We will now cover some more complicated Lapalce Transformations:
The Convolution Theorem states:
\( \mathcal {L} \{ f \ast g \} = F(s) G(s) \)
Where \(f \ast g\) is the convolution operator:
\( f \ast g = \displaystyle \int_0^t f(\tau) g(t-\tau) d\tau\)
The inverse of the theorem is simply:
\( \mathcal {L}^{-1} \{ F(s) G(s) \} = f \ast g \)
Evaluate \( \mathcal {L} \{ e^{-2t} \ast t^4 \} \).

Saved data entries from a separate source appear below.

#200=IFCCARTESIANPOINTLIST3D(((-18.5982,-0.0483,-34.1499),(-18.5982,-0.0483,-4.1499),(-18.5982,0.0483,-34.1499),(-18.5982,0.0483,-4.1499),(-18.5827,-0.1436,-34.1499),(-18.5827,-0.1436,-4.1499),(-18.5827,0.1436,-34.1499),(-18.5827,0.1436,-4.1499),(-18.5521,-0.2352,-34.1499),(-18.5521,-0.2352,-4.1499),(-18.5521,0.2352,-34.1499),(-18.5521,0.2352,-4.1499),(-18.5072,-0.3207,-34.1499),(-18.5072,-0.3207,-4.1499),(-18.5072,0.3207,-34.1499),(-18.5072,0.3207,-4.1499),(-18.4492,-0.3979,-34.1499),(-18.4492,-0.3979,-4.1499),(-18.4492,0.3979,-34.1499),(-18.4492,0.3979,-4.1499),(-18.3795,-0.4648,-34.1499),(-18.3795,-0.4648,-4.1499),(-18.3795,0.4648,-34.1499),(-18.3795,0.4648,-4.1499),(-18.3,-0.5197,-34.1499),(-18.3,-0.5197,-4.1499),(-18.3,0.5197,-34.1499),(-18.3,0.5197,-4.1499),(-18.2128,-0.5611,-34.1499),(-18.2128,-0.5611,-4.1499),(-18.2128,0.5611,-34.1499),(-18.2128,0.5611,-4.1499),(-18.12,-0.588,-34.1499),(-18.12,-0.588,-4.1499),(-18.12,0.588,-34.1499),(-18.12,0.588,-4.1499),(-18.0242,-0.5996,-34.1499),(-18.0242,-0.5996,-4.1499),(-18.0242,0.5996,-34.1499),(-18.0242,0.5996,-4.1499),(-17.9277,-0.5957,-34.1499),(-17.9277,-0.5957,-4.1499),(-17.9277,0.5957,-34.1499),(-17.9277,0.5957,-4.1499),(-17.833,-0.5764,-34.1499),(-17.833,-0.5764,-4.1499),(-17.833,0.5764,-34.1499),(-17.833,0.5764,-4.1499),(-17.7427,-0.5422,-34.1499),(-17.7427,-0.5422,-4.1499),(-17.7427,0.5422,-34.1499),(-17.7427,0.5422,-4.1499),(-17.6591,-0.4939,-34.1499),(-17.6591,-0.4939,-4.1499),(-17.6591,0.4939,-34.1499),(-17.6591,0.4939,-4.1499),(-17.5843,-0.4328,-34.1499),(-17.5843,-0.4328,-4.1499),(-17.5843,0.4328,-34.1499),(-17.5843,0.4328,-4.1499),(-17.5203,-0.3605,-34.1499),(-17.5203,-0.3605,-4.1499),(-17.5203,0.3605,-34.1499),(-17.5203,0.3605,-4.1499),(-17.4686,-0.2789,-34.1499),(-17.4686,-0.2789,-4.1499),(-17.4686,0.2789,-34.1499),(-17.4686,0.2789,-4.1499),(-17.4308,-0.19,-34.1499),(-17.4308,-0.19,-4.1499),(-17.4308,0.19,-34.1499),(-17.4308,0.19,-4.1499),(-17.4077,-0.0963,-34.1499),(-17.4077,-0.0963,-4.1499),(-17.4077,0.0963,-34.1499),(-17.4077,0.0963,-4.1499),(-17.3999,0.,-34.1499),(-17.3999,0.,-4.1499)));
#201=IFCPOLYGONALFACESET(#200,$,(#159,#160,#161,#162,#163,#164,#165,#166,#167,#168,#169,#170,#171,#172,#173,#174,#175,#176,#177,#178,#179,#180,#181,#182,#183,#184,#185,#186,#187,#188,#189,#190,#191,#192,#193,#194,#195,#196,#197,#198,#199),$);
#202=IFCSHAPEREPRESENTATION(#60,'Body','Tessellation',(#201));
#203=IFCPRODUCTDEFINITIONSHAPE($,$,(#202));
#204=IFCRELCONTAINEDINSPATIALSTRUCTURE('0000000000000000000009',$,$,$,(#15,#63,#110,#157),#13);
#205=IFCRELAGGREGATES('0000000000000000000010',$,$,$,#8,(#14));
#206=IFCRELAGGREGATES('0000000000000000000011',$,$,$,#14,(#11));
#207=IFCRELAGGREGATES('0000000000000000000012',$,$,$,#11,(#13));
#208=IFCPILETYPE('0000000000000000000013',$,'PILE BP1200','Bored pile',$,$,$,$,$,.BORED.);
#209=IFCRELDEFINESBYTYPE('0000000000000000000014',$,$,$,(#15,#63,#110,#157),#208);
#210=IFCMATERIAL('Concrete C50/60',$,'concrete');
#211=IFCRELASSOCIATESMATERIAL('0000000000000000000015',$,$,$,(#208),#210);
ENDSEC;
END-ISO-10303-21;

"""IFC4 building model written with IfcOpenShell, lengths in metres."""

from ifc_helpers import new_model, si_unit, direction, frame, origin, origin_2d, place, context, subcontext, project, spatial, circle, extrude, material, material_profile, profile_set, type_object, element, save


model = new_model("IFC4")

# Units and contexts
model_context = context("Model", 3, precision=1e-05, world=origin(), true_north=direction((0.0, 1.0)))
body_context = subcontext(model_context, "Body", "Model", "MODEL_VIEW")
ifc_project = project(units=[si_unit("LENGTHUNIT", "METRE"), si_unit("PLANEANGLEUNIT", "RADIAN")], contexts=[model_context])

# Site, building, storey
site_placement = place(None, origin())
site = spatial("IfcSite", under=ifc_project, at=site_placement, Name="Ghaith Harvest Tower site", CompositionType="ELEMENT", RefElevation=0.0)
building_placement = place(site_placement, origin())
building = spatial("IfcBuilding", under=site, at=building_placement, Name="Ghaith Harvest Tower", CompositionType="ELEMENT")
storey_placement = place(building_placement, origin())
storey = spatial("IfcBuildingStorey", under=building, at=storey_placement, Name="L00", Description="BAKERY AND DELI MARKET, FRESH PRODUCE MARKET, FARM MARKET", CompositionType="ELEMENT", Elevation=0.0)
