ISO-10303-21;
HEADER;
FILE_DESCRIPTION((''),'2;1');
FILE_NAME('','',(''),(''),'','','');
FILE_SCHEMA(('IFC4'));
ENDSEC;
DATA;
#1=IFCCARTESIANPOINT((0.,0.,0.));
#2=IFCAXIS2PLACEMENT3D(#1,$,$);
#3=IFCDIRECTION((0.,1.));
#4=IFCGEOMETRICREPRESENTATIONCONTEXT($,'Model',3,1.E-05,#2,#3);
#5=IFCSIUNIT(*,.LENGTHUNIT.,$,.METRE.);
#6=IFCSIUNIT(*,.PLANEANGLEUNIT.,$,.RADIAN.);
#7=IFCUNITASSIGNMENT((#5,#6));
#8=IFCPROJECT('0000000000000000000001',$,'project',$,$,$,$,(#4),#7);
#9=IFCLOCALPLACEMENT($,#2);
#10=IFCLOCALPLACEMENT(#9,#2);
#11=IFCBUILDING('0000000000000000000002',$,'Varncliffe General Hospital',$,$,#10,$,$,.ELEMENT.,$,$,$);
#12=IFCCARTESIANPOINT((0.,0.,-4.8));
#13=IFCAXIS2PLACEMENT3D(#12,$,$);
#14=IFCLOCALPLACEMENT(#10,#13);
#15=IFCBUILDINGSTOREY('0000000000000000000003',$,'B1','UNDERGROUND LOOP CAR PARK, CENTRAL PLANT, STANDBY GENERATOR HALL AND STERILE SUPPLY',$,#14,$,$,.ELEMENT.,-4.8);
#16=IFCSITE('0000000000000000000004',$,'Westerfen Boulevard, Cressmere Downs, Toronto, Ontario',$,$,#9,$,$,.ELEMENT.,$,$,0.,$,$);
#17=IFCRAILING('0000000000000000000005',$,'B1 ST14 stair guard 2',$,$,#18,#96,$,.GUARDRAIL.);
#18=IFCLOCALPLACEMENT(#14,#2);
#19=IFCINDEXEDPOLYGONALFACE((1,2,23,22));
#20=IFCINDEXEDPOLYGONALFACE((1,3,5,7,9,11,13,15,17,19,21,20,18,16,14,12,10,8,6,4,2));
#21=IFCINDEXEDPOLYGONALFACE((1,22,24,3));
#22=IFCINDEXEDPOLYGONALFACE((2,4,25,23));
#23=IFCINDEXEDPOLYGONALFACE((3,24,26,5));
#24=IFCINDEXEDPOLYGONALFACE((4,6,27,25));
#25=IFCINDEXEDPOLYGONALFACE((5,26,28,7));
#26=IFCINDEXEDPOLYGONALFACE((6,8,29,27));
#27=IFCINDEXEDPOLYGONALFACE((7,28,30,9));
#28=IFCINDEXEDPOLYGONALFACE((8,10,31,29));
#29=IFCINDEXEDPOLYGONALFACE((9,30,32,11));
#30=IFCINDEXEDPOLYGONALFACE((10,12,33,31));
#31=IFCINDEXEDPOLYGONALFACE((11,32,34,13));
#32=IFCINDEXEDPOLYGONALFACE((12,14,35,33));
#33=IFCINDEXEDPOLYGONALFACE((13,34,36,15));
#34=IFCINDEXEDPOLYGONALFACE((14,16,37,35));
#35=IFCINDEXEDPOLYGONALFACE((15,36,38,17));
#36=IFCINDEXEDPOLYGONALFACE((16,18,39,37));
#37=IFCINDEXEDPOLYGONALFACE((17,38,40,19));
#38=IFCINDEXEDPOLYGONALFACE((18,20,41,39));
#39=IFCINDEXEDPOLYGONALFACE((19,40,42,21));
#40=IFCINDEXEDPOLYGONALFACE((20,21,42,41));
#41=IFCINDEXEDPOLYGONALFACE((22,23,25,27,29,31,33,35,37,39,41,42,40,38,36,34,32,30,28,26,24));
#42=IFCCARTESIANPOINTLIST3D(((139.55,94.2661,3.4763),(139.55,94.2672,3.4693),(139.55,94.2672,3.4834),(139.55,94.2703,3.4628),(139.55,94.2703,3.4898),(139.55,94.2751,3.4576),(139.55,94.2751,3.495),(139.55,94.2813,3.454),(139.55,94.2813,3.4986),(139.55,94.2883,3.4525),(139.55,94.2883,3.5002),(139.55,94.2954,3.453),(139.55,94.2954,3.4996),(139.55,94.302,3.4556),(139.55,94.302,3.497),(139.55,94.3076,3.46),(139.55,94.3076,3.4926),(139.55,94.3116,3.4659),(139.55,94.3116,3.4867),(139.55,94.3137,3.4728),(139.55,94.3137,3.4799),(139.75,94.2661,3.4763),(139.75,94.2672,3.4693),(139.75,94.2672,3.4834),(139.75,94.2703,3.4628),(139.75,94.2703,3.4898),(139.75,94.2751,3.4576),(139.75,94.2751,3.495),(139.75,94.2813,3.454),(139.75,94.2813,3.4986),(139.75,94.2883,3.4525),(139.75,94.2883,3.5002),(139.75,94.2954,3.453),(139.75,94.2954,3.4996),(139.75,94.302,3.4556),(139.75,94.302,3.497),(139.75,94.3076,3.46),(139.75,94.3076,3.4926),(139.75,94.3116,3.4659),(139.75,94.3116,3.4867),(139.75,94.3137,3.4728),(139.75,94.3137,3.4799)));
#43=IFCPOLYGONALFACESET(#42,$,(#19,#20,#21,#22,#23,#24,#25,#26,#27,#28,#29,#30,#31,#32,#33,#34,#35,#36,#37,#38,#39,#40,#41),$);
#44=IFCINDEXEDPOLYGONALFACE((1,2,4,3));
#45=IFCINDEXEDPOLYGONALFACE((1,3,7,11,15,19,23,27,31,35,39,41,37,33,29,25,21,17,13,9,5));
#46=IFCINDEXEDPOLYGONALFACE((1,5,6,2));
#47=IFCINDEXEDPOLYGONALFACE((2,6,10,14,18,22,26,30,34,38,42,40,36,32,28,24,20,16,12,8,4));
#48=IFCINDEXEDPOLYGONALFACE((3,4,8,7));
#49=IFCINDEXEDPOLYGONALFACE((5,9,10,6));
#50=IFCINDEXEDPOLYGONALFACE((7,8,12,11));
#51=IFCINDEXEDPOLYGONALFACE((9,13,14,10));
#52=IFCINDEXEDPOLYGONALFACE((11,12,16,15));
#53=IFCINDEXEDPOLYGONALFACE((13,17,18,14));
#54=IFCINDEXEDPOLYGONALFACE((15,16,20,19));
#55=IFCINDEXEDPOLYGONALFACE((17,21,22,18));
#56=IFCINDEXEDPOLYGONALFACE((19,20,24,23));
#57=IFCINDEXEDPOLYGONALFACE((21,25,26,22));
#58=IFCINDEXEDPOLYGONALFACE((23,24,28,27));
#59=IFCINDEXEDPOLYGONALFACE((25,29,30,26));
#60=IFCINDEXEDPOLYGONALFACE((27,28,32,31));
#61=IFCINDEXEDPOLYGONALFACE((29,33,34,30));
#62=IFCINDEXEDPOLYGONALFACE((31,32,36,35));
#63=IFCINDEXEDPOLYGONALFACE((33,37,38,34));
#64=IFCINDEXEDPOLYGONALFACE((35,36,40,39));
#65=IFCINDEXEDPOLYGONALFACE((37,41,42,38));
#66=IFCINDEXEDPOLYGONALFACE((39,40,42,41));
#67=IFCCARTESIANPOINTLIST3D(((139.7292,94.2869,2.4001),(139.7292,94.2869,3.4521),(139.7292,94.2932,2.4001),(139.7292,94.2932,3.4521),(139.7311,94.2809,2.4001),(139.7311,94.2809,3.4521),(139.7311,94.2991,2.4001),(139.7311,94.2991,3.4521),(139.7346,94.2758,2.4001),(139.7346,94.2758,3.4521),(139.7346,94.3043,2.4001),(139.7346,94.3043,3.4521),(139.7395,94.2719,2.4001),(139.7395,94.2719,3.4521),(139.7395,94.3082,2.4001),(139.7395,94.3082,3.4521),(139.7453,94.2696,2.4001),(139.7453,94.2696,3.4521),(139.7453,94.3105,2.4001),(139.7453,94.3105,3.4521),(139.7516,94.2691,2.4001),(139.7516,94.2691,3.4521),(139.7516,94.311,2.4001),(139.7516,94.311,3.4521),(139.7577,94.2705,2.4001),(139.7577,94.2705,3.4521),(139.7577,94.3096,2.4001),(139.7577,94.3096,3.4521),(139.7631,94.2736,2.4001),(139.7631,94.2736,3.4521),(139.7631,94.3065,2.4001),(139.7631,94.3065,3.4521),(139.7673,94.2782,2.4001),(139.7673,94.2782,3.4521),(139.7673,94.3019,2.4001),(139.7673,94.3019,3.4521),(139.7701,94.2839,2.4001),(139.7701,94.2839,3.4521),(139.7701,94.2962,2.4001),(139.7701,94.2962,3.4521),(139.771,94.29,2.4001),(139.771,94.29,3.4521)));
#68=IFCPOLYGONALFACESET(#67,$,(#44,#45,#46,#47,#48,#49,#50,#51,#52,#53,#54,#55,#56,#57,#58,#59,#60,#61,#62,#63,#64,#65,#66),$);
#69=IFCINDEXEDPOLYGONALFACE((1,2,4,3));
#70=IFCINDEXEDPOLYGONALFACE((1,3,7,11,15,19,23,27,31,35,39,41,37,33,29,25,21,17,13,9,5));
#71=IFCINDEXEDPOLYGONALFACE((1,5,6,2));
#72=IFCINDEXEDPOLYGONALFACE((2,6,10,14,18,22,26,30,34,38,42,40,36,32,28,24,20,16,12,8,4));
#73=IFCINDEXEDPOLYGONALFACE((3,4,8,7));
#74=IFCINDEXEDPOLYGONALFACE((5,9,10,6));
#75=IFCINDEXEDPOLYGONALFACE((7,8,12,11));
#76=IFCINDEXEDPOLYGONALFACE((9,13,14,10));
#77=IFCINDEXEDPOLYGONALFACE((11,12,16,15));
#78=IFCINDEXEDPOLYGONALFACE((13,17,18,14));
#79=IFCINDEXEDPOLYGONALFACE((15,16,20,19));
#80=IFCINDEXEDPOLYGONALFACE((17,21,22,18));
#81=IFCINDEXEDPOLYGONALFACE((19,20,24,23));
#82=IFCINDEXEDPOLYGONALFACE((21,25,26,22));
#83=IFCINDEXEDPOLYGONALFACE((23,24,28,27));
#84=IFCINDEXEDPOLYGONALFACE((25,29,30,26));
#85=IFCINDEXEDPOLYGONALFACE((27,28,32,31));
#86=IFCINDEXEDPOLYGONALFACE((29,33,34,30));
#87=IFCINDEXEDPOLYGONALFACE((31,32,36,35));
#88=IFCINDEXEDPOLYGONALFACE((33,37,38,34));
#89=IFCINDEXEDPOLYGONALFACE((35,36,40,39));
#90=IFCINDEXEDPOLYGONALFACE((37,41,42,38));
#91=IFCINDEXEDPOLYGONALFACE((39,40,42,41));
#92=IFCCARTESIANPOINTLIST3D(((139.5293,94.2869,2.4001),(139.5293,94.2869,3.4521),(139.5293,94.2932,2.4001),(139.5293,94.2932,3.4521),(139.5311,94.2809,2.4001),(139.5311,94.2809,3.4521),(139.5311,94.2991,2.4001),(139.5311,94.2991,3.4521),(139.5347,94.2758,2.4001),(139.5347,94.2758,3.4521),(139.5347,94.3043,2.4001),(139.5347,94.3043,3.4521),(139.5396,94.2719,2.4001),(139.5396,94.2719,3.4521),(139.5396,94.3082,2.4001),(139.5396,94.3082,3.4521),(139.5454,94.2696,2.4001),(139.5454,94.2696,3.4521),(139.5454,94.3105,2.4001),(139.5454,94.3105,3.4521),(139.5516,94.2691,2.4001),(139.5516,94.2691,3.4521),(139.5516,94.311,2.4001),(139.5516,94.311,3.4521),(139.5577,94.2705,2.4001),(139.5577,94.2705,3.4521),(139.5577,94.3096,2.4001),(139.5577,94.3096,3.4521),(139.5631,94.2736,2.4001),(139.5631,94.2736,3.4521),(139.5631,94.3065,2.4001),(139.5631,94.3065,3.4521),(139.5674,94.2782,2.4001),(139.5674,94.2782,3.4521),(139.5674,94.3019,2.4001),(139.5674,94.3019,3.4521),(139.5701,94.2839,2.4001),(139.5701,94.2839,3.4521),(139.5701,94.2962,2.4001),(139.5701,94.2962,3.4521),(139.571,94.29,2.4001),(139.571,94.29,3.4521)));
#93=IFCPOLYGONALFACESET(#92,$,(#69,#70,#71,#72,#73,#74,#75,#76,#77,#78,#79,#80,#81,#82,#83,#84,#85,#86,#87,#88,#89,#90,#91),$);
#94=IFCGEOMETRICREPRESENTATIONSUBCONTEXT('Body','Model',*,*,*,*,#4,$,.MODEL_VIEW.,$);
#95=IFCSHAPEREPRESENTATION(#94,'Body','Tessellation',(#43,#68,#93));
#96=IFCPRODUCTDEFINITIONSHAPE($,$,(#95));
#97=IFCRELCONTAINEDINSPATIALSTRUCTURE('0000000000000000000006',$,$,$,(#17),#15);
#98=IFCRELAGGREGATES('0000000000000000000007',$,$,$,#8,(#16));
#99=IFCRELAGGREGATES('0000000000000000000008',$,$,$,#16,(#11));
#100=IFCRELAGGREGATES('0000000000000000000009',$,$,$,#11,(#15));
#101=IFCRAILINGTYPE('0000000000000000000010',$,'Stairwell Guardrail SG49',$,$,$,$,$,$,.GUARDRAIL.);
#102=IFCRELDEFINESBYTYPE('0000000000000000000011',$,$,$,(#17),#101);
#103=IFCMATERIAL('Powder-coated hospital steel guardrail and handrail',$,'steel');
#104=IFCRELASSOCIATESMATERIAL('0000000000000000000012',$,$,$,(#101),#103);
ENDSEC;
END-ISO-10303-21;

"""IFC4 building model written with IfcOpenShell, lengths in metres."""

from ifc_helpers import new_model, si_unit, direction, frame, origin, origin_2d, place, context, subcontext, project, spatial, circle, extrude, material, type_object, element, save


model = new_model("IFC4")

# Units and contexts
model_context = context("Model", 3, precision=1e-05, world=origin(), true_north=direction((0.0, 1.0)))
body_context = subcontext(model_context, "Body", "Model", "MODEL_VIEW")
ifc_project = project(units=[si_unit("LENGTHUNIT", "METRE"), si_unit("PLANEANGLEUNIT", "RADIAN")], contexts=[model_context])

# Site, building, storey
site_placement = place(None, origin())
site = spatial("IfcSite", under=ifc_project, at=site_placement, Name="Westerfen Boulevard, Cressmere Downs, Toronto, Ontario", CompositionType="ELEMENT", RefElevation=0.0)
building_placement = place(site_placement, origin())
building = spatial("IfcBuilding", under=site, at=building_placement, Name="Varncliffe General Hospital", CompositionType="ELEMENT")
storey_placement = place(building_placement, frame((0.0, 0.0, -4.8)))
storey = spatial("IfcBuildingStorey", under=building, at=storey_placement, Name="B1", Description="UNDERGROUND LOOP CAR PARK, CENTRAL PLANT, STANDBY GENERATOR HALL AND STERILE SUPPLY", CompositionType="ELEMENT", Elevation=-4.8)

# Railing
ifc_material_1 = material(Name="Powder-coated hospital steel guardrail and handrail", Category="steel")
railing_type_1 = type_object("IfcRailingType", Name="Stairwell Guardrail SG49", PredefinedType="GUARDRAIL", material=ifc_material_1)
railing_1_placement = place(storey_placement, frame((139.75, 94.29, 2.4001)))
element("IfcRailing", 1, at=railing_1_placement, inside=storey, type_object=railing_type_1, Name="B1 ST14 stair guard 2", PredefinedType="GUARDRAIL", context=body_context, shape_type="SweptSolid", body=[
    extrude(circle(Radius=0.0239, at=origin_2d()), frame((0.0, 0.0, 1.0762), z_axis=(-1.0, 0.0, 0.0), x_axis=(0.0, -1.0, 0.0)), (0.0, 0.0, 1.0), 0.2),
    extrude(circle(Radius=0.021, at=origin_2d()), origin(), (0.0, 0.0, 1.0), 1.052),
    extrude(circle(Radius=0.021, at=origin_2d()), frame((-0.2, 0.0, 0.0)), (0.0, 0.0, 1.0), 1.052),
])

save(model, "model.ifc")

Evaluate \( \mathcal {L}^{-1} \{ \frac{s}{s^4-9} \} \).
A special case is when \(g(t) = 0\) which gives:
\( f \ast 1 = \int_0^t {f(\tau) d\tau}\)
The Lapalce Transformation is:
\( \mathcal{L} \{ \int_0^t {f(\tau) d\tau}\} = \cfrac{F(s)}{s} \)
The inverse Laplace is:
\( \mathcal {L}^{-1} \{ \cfrac{F(s)}{s} \} = \int_0^t {f(\tau) d\tau} \)
This allows us to solve integro-differential equations.
Solve \( f(t) = 2t -4 \int_0^t \sin (\tau) f(t-\tau) d\tau \).
Consider a piecewise continuous functions with period \(T\) such as:
\( f(t) = \begin{cases} 0, & 0 \le t \lt \frac{T}{2} \\ 1, & \frac{T}{2} \lt t \le T \end{cases} \)
The Lapalce Transformation is:
\( \mathcal{L} \{f\} = \cfrac{1}{1-e^{-sT}} \displaystyle \int_0^T {e^{-st} f(t)} dt\)
Evaluate \( \mathcal{L} \{f\} \) for the function above for a period of 4.
The Dirac function is a special unit impluse where the "on" time is squeezed to only a moment in time:
\( \delta (t-t_0) = \lim\limits_{a \to \infty} \delta_a (t-t_0) \)
Where the unit impluse is defined as:
\( \delta_a (t-t_0) = \begin{cases} 0, & 0 \le t \lt t_0 - a \\ \frac{1}{2a}, & t_0 - a \le t \lt t_0 + a \\ 0, & t_0 + a \ge t \end{cases} \)
That means the Dirac Function is infinitiy when \(t = t_0\). It is found in applications with temporary external forces or voltage, for example. The Lapalce Transformation is:
\( \mathcal{L} \{\delta (t-t_0) \} = e^{-st_0}\)
Solve \(y'' + 2y' +2y = \delta(t-\pi)\) subject to \( y(0) = 1, y'(0)=0 \).